Yes since you have practical experience it can’t hurt. You’ll learn things that you didn’t already know and it will help you get your foot in the door slightly.

But, don’t become a “paper tiger” with a lot of certs and no practical experience. I’ve also come across people who have claimed that “they have use AWS” but when you dig deep they mean - they’ve hosted a few VMs and used AWS as nothing more than overpriced colo.

Yes and No.

I don’t pay much credence on certification as proving competence. I take them as a slightly negative signal when I am interviewing someone.

Certifications for me are partially forcing functions to make me get a broad overview of a subject matter.
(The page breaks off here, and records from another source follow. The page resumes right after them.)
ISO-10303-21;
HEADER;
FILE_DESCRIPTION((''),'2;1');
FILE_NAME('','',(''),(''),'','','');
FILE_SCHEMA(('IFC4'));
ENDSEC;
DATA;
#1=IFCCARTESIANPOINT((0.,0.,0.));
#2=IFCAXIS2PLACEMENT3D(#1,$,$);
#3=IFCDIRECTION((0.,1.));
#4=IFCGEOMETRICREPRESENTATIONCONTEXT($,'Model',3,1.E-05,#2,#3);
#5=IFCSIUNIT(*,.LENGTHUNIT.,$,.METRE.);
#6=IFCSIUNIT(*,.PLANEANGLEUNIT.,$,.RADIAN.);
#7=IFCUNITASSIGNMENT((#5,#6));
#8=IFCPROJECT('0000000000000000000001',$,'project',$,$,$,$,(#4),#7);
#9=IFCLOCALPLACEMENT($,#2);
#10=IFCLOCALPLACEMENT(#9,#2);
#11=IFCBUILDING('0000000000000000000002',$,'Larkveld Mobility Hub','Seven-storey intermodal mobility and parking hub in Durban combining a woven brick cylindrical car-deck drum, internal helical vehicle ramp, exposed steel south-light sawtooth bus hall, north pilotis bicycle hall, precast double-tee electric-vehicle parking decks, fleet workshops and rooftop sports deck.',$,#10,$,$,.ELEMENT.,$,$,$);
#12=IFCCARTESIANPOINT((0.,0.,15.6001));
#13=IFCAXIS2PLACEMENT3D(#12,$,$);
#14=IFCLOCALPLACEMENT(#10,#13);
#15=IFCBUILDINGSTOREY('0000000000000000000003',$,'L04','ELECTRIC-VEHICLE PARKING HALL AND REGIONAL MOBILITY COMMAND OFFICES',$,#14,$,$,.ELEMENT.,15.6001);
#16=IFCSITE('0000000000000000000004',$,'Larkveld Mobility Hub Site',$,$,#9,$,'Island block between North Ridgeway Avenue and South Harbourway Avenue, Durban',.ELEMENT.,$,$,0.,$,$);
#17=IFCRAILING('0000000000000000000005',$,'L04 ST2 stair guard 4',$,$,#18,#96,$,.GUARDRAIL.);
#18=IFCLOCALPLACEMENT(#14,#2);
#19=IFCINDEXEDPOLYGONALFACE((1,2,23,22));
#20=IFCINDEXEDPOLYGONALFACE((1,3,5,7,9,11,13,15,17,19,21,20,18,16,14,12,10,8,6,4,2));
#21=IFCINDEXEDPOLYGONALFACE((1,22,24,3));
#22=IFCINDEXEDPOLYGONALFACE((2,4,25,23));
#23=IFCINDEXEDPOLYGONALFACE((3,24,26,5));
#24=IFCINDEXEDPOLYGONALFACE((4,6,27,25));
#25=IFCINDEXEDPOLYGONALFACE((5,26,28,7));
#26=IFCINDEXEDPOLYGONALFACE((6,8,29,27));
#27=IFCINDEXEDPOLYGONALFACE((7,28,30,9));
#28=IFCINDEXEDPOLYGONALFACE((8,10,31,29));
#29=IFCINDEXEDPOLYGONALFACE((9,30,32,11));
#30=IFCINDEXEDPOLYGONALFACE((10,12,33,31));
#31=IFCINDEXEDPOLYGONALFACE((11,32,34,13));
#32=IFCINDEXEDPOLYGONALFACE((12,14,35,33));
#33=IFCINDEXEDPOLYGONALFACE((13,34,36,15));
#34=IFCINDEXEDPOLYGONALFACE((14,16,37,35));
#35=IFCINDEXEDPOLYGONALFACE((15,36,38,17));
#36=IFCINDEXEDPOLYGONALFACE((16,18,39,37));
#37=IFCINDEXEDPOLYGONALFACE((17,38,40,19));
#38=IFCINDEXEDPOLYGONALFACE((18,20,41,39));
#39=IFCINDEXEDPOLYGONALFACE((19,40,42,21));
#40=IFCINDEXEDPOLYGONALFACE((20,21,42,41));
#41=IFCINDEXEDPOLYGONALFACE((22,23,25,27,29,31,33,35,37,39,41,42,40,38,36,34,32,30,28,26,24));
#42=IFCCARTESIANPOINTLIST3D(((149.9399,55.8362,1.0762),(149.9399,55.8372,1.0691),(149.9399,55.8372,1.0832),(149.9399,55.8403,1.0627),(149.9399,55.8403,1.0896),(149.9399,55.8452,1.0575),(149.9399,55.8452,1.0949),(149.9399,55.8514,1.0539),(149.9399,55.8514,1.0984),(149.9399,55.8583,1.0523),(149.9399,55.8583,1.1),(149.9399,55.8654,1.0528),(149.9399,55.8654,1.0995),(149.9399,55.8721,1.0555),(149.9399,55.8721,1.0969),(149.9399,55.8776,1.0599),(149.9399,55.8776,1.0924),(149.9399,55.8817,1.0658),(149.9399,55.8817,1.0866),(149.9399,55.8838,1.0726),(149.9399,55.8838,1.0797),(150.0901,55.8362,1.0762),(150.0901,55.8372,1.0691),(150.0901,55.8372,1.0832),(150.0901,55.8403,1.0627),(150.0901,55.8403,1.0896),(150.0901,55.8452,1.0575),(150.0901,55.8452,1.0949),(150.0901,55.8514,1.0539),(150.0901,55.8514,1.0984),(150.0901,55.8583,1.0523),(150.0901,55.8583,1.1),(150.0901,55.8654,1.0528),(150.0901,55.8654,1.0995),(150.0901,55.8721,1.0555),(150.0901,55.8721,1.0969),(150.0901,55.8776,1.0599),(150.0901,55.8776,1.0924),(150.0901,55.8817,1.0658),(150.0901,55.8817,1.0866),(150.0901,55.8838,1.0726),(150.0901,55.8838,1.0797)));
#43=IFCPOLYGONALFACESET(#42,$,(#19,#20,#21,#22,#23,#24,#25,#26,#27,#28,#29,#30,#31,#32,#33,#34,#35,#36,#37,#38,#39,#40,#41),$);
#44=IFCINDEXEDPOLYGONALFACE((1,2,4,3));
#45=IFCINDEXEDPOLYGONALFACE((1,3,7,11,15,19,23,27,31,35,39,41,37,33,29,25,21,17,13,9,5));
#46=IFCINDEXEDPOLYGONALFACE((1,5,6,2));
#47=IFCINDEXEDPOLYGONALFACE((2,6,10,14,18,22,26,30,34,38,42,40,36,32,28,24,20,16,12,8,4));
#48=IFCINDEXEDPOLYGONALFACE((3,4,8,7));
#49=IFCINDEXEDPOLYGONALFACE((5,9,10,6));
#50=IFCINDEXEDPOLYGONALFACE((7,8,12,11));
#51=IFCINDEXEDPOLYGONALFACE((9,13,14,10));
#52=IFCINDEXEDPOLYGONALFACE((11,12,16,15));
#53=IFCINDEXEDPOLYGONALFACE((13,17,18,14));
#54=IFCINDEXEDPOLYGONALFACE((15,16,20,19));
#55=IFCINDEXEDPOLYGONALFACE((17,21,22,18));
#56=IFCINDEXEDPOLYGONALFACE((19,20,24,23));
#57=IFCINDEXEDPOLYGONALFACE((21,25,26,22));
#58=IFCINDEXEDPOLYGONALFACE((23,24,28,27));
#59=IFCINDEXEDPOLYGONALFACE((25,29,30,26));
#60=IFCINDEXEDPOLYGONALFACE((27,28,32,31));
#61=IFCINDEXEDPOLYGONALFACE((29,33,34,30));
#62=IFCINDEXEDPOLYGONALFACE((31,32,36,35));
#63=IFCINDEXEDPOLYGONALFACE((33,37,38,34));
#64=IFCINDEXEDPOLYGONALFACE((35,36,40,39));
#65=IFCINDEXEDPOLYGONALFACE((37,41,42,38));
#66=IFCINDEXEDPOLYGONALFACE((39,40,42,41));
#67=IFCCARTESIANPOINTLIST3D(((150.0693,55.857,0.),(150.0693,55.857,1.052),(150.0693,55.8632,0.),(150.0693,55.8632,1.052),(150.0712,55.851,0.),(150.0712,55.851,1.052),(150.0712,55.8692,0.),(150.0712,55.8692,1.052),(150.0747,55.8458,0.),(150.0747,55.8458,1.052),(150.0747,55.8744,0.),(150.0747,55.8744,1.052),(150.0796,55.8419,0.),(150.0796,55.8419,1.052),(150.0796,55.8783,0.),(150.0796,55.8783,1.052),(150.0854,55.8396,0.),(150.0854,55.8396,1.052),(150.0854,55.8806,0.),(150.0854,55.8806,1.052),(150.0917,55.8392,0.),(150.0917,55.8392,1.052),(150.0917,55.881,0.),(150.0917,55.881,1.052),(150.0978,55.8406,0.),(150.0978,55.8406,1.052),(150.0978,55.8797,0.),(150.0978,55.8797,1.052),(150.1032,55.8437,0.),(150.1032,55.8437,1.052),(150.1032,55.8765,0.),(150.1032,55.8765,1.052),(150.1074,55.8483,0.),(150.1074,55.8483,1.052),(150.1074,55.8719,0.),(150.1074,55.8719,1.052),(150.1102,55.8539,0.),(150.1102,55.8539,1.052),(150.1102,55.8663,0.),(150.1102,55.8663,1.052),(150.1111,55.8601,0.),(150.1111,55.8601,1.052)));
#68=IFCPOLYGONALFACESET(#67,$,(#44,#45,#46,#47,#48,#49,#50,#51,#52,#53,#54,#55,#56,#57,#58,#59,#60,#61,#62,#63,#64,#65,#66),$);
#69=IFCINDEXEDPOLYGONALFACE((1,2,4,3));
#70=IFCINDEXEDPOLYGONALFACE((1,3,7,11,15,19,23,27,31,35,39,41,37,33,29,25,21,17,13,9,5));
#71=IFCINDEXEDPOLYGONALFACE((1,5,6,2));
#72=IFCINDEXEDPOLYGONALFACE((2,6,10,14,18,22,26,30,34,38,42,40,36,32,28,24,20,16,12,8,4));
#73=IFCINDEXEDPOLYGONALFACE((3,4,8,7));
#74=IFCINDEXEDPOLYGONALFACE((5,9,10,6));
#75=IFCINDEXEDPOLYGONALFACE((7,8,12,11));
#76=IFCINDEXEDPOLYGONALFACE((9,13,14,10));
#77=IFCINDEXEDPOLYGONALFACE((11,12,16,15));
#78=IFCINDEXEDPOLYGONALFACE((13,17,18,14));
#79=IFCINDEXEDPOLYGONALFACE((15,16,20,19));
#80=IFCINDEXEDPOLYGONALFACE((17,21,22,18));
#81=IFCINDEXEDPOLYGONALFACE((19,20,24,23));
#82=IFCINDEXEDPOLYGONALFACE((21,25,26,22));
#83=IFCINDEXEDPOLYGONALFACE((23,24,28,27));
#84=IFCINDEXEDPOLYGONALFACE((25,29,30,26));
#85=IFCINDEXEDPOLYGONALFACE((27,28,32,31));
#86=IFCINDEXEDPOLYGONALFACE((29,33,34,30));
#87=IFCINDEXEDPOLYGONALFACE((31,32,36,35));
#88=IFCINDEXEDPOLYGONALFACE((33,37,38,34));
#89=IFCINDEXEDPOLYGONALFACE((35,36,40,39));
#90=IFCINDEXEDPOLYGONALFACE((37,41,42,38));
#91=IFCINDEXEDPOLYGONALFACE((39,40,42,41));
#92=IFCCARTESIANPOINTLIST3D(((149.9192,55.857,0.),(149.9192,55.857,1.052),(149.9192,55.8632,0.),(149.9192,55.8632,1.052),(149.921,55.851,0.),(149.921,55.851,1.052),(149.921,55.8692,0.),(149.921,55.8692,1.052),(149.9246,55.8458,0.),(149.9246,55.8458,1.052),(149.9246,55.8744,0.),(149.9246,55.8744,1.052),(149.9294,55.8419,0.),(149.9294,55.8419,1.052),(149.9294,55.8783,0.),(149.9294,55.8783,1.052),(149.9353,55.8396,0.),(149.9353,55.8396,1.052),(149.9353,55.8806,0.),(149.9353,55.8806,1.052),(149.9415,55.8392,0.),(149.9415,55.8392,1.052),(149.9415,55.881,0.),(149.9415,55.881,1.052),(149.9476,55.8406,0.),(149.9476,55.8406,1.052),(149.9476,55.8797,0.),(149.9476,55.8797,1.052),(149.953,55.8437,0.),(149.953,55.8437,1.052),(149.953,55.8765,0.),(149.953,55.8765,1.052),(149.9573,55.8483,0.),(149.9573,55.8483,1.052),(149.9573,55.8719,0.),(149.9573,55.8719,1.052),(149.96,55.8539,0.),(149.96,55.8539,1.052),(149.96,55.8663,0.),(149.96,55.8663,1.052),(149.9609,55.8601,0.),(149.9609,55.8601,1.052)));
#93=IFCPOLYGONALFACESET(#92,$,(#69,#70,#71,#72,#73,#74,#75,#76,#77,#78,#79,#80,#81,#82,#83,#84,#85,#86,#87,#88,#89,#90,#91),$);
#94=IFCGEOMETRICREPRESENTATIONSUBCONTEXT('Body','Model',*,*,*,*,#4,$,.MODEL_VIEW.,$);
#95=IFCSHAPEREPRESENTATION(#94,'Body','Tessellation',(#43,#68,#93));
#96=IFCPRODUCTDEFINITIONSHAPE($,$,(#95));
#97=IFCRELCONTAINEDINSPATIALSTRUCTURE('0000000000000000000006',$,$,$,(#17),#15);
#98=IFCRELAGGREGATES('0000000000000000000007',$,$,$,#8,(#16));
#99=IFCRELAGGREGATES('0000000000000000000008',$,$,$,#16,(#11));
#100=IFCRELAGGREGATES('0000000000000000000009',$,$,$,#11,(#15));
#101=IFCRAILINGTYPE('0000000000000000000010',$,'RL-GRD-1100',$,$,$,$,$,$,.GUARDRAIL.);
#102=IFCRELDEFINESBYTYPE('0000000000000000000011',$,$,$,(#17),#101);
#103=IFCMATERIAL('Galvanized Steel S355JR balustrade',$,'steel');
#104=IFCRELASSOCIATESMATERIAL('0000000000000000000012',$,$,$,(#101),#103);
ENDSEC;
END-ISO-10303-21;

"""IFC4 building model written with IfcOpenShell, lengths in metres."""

from ifc_helpers import new_model, si_unit, direction, frame, origin, origin_2d, place, context, subcontext, project, spatial, circle, extrude, material, type_object, element, save


model = new_model("IFC4")

# Units and contexts
model_context = context("Model", 3, precision=1e-05, world=origin(), true_north=direction((0.0, 1.0)))
body_context = subcontext(model_context, "Body", "Model", "MODEL_VIEW")
ifc_project = project(units=[si_unit("LENGTHUNIT", "METRE"), si_unit("PLANEANGLEUNIT", "RADIAN")], contexts=[model_context])

# Site, building, storey
site_placement = place(None, origin())
site = spatial("IfcSite", under=ifc_project, at=site_placement, Name="Larkveld Mobility Hub Site", LongName="Island block between North Ridgeway Avenue and South Harbourway Avenue, Durban", CompositionType="ELEMENT", RefElevation=0.0)
building_placement = place(site_placement, origin())
building = spatial("IfcBuilding", under=site, at=building_placement, Name="Larkveld Mobility Hub", Description="Seven-storey intermodal mobility and parking hub in Durban combining a woven brick cylindrical car-deck drum, internal helical vehicle ramp, exposed steel south-light sawtooth bus hall, north pilotis bicycle hall, precast double-tee electric-vehicle parking decks, fleet workshops and rooftop sports deck.", CompositionType="ELEMENT")
storey_placement = place(building_placement, frame((0.0, 0.0, 15.6001)))
storey = spatial("IfcBuildingStorey", under=building, at=storey_placement, Name="L04", Description="ELECTRIC-VEHICLE PARKING HALL AND REGIONAL MOBILITY COMMAND OFFICES", CompositionType="ELEMENT", Elevation=15.6001)

# Railing
ifc_material_1 = material(Name="Galvanized Steel S355JR balustrade", Category="steel")
railing_type_1 = type_object("IfcRailingType", Name="RL-GRD-1100", PredefinedType="GUARDRAIL", material=ifc_material_1)
railing_1_placement = place(storey_placement, frame((150.0901, 55.8601, 0.0)))
element("IfcRailing", 1, at=railing_1_placement, inside=storey, type_object=railing_type_1, Name="L04 ST2 stair guard 4", PredefinedType="GUARDRAIL", context=body_context, shape_type="SweptSolid", body=[
    extrude(circle(Radius=0.0239, at=origin_2d()), frame((0.0, 0.0, 1.0762), z_axis=(-1.0, 0.0, 0.0), x_axis=(0.0, -1.0, 0.0)), (0.0, 0.0, 1.0), 0.1501),
    extrude(circle(Radius=0.021, at=origin_2d()), origin(), (0.0, 0.0, 1.0), 1.052),
    extrude(circle(Radius=0.021, at=origin_2d()), frame((-0.1501, 0.0, 0.0)), (0.0, 0.0, 1.0), 1.052),
])

save(model, "model.ifc")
At the level I’m at now, my “whiteboard interviews” are not about leetCode they are about how would I architect systems, meaning I don’t need to know the details of everything but I do need to know how to talk the talk.

When it’s actually time to implement the solutions, I’m either then going through the SDK and figuring out the details or assisting other developers in coming up with a proof of concept.

Except for the Architect Associate which I studied for just to get an overview of AWS, I’ve had practical experience on most of the other areas that the certifications covered before I took them. The other three are the developer, Devops and Architect Pro.

My company is paying for them, and even though my official title is “Senior Developer”, when talking to our clients (B2B) I am the “certified AWS infrastructure architect”, so yeah it helps give customers a little bit of confidence.

On the other hand, whenever the day comes that I decide to make my next career move, it will probably be as an overpriced “implementation consultant”. I found at my last job where I was the dev lead, that locally, that’s where the money is.

Amazon Certified Partners have to have a certain number of certified employees.

Two of the three certifications I am working on next year will take me way out of my comfort zone - advanced networking and Big Data.

I will have to really study for those two and do some side projects. Unlike the first four where I could learn on the job.

I'm also going for the Big Data one, looks like a lot of fun
I learned Ionic 3 in 2018, and managed to publish multiple apps to both Google play and Apple appstore!

And looking forward to migrate to Ionic 4 and make both desktop and web versions of my apps!

Been using Ionic for 4 years. I think v4 with just TSX + Redux has been really good. I’ve good things about Angular 6 but TSX is just much more intuitive to me.